Bioactive food compounds (nutrients and phytochemicals) at pharmacological doses are emerging as a therapy to modulate the complex sequence of metabolic changes associated with skin and systemic aging. This “nutraceutical” treatment can efficiently modulate the oxidative and inflammatory imbalances that occur in chronic aging.31,32 However, food sources are complex, with varying combinations of compounds inducing similarly varying capacity to enhance or reduce bioavailability and/or activity.31,33 Therefore, the benefits of dietary constituents may differ if the same bioactive substances are present in nutraceutical formulations at pharmacological doses. In the case of the skin, the classical route of antioxidant administration is topical application.

Another means by which to deliver antioxidants to the skin is oral administration via the diet and dietary supplements.34 An increase in cellular antioxidants in the skin is observed after oral administration of antioxidant supplements, whereby antioxidants cross the intestinal barrier and reach the circulation, after which they are distributed to various tissues, in particular to the subcutaneous adipose tissue, dermis, epidermis and sebum in the skin.

The multiple mechanisms of action of resveratrol may be related to its health benefits.35 Like most polyphenols, this phytochemical has intrinsic antioxidant capacity, but it also induces expression of a number of antioxidant enzymes. Further, it interacts with a large number of receptors and kinases, including sirtuin 1 and adenosine monophosphate- activated protein kinase, both of which influence the regulation of metabolism in multiple tissues.36,37 Accordingly, it is difficult to decipher the precise contribution of each mechanism to an overall multiple effect on health.38

Two recent and important clinical studies of resveratrol have shown that different effects are obtained with different doses of resveratrol; specifically, at lower doses, it is very important to mix this compound with other flavonoids.
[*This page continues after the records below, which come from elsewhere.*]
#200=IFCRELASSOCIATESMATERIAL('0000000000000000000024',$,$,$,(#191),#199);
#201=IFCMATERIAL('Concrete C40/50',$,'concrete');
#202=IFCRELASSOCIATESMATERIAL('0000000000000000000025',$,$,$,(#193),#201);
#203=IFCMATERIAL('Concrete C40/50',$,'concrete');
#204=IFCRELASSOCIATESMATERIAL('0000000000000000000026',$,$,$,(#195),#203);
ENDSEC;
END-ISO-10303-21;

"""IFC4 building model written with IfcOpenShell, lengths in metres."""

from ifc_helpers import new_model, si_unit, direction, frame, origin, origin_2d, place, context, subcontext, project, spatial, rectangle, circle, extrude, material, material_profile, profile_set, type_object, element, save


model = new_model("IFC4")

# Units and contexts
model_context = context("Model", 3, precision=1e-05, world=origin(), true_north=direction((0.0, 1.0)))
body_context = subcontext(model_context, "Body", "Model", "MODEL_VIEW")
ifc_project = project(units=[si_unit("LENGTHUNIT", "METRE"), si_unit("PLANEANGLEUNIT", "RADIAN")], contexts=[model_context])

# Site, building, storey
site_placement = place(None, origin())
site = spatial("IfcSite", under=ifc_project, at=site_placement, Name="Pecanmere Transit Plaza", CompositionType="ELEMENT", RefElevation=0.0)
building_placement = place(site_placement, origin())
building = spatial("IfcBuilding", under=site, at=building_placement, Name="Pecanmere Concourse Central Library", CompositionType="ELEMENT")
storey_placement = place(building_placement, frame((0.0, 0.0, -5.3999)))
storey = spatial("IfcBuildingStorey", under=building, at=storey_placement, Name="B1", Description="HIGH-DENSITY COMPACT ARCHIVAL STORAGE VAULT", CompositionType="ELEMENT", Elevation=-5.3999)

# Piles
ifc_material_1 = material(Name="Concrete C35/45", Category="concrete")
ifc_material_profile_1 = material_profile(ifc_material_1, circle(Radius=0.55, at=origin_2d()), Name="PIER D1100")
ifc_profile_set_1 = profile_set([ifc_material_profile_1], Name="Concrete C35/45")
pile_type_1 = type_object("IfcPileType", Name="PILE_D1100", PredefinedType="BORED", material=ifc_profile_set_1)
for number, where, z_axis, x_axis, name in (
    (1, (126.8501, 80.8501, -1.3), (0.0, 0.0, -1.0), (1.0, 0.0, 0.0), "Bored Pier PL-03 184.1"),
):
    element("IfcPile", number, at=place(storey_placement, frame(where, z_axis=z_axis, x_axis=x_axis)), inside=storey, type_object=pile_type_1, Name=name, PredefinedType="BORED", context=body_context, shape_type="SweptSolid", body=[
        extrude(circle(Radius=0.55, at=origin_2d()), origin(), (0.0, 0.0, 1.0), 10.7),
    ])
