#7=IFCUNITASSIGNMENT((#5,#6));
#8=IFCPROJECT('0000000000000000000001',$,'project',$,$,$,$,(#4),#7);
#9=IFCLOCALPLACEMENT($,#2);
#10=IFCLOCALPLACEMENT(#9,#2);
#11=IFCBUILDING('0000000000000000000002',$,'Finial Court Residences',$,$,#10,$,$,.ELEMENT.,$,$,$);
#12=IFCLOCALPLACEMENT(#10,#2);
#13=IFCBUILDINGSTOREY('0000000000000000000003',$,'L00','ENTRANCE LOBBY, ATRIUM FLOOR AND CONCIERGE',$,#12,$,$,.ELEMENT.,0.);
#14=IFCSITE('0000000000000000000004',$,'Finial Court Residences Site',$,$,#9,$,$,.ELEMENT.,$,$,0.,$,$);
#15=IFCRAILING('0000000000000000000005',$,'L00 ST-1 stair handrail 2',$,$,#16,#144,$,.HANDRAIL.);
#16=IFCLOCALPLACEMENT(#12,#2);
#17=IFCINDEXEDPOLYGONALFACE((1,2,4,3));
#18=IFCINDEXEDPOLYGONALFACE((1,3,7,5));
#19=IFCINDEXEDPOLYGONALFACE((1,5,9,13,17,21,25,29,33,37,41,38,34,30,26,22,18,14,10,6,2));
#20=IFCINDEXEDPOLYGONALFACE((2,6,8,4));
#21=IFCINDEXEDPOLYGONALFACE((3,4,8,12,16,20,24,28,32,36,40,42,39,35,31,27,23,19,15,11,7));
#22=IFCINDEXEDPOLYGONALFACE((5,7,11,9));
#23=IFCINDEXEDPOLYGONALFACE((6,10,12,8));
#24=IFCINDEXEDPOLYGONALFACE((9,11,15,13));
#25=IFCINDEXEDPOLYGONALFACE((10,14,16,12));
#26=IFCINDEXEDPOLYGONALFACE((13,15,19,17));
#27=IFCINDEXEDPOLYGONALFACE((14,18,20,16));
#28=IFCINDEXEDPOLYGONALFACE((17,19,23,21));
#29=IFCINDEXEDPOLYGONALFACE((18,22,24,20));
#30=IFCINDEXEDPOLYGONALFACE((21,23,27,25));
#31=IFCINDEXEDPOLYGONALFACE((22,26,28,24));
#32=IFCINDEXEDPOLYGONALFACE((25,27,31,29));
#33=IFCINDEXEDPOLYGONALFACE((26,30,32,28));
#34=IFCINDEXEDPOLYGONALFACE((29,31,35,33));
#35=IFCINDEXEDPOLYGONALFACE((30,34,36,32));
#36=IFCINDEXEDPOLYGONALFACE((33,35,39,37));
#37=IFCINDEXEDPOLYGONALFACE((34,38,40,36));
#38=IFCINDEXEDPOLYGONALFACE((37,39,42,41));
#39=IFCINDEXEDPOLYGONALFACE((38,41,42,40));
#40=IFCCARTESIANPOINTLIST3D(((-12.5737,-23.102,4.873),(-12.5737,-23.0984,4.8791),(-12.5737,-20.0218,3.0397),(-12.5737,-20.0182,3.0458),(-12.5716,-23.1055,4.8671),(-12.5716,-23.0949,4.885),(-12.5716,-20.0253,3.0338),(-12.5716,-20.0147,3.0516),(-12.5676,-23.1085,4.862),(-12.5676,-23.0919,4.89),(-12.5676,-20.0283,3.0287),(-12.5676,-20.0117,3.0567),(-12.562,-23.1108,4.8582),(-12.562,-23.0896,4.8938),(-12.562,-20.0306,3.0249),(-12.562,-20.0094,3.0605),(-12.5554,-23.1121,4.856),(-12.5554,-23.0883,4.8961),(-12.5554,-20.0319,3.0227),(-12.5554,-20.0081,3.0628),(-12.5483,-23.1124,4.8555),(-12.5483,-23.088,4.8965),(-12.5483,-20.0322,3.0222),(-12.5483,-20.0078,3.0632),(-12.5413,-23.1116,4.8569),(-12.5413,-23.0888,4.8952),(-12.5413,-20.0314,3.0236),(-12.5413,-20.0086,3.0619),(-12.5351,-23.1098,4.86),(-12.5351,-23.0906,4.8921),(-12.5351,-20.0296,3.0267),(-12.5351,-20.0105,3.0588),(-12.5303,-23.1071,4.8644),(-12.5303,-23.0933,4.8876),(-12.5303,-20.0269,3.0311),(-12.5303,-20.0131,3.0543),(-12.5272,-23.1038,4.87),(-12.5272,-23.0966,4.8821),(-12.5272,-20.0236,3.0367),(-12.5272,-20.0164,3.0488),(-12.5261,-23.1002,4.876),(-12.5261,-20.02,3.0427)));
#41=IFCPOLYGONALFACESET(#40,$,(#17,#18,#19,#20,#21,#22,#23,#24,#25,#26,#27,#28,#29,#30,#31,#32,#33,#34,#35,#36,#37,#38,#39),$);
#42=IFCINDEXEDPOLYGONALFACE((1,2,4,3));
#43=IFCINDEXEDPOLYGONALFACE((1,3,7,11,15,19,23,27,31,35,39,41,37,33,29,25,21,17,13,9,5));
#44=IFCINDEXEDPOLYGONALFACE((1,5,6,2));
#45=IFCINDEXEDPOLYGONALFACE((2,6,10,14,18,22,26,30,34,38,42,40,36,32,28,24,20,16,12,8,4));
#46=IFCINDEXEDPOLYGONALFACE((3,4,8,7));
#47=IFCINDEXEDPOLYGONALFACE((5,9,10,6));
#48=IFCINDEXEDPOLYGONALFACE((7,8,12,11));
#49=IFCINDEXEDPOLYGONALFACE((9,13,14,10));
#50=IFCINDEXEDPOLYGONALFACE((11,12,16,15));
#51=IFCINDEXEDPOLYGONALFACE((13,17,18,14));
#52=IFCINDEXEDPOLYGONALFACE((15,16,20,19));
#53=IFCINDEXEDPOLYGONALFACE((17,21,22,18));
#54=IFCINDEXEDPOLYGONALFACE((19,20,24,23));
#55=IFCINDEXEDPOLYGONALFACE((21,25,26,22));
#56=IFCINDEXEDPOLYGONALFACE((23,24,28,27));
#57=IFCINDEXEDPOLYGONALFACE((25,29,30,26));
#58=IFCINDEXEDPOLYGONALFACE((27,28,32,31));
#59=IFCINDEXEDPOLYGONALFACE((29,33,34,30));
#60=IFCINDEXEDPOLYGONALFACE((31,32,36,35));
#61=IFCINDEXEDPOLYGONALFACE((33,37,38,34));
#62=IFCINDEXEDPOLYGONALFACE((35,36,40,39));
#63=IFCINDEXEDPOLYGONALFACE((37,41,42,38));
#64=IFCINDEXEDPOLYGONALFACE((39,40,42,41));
However, to date, no clinical study has shed light on the effects of resveratrol in the field of dermatological antiaging.39,40 Our study provides the first clinical proof of the antiaging effects of a chronic nutraceutical treatment that combines resveratrol and procyanidins. Hitherto, attempts to reveal and understand the skin-repairing effects of resveratrol were cosmeceutically oriented.41 Although the bioavailability of resveratrol in particular and of polyphenols in general is low, treatment with this nutraceutical supplement for 60 days improved parameters of oxidative stress by reducing systemic peroxidized metabolites and by improving the plasma antioxidant barrier.
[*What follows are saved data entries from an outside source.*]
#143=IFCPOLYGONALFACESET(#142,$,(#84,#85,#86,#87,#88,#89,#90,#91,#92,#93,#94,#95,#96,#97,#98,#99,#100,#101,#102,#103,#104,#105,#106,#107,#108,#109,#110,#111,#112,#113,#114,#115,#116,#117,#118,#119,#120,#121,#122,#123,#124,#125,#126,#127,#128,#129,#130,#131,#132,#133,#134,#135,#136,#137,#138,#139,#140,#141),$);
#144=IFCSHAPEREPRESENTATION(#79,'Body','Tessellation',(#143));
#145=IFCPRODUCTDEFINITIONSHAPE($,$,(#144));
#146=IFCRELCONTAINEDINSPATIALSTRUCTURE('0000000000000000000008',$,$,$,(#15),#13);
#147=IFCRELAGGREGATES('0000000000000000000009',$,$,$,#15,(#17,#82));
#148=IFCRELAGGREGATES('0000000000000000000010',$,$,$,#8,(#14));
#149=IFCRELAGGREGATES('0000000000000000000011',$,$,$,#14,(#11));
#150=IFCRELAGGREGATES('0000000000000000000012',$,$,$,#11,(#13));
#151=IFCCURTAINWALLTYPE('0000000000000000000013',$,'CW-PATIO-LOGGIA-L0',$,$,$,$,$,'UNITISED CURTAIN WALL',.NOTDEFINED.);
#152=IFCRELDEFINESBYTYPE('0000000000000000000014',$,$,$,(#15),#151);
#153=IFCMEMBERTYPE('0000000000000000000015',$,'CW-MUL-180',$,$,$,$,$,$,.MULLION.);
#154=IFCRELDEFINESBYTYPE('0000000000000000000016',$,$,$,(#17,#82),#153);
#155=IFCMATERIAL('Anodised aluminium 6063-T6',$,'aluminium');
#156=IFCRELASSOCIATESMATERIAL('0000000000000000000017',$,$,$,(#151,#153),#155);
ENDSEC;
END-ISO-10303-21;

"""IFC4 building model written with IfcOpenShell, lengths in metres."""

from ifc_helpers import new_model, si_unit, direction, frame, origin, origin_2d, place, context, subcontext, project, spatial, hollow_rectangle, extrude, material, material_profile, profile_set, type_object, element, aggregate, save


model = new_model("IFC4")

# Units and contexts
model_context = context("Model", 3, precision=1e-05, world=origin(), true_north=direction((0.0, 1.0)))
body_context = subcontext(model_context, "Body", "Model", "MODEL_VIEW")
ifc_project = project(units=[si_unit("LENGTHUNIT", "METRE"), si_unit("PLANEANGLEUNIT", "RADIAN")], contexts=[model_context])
The current range of nutraceutical dosages of resveratrol (20–500 mg per capsule) is probably disproportionate. Dietary intake is 6–8 mg daily, and recent clinical data show that resveratrol may possess bioactivity at μg doses, when provided as part of a synergistic combination of phytochemicals in foods and supplements. Accordingly, the use of supplements that bring the dose into a medium to low range may have specific effects on the aging process.42 In addition, our study is the first to demonstrate that, as well as improving systemic oxidative stress, antioxidant nutraceutical treatment also enhances antioxidant capacity in the stratum corneum of the skin. We used the withdrawal technique for the skin stratum corneum, as has already been described for the assessment of antioxidant enzymes and adapted to the evaluation of reducing antioxidant capacity in skin samples.43,44 Wrinkle formation occurs because of accumulated forms of skin damage, including matrix destruction and skin inflammation. In aging skin, there are various activated matrix metalloproteinases that lead to abnormal matrix degradation and to accumulation of nonfunctional matrix components in the dermal and epidermal compartments.45 Recently, foods rich in flavonoids and ellagic acid have been shown to reduce the action of metalloproteinases and to improve the appearance of wrinkles.46 Finally, our study shows that chronic treatment with a nutraceutical supplement containing resveratrol, procyanidin, and ellagic acid for 60 days significantly improved all parameters related to skin roughness.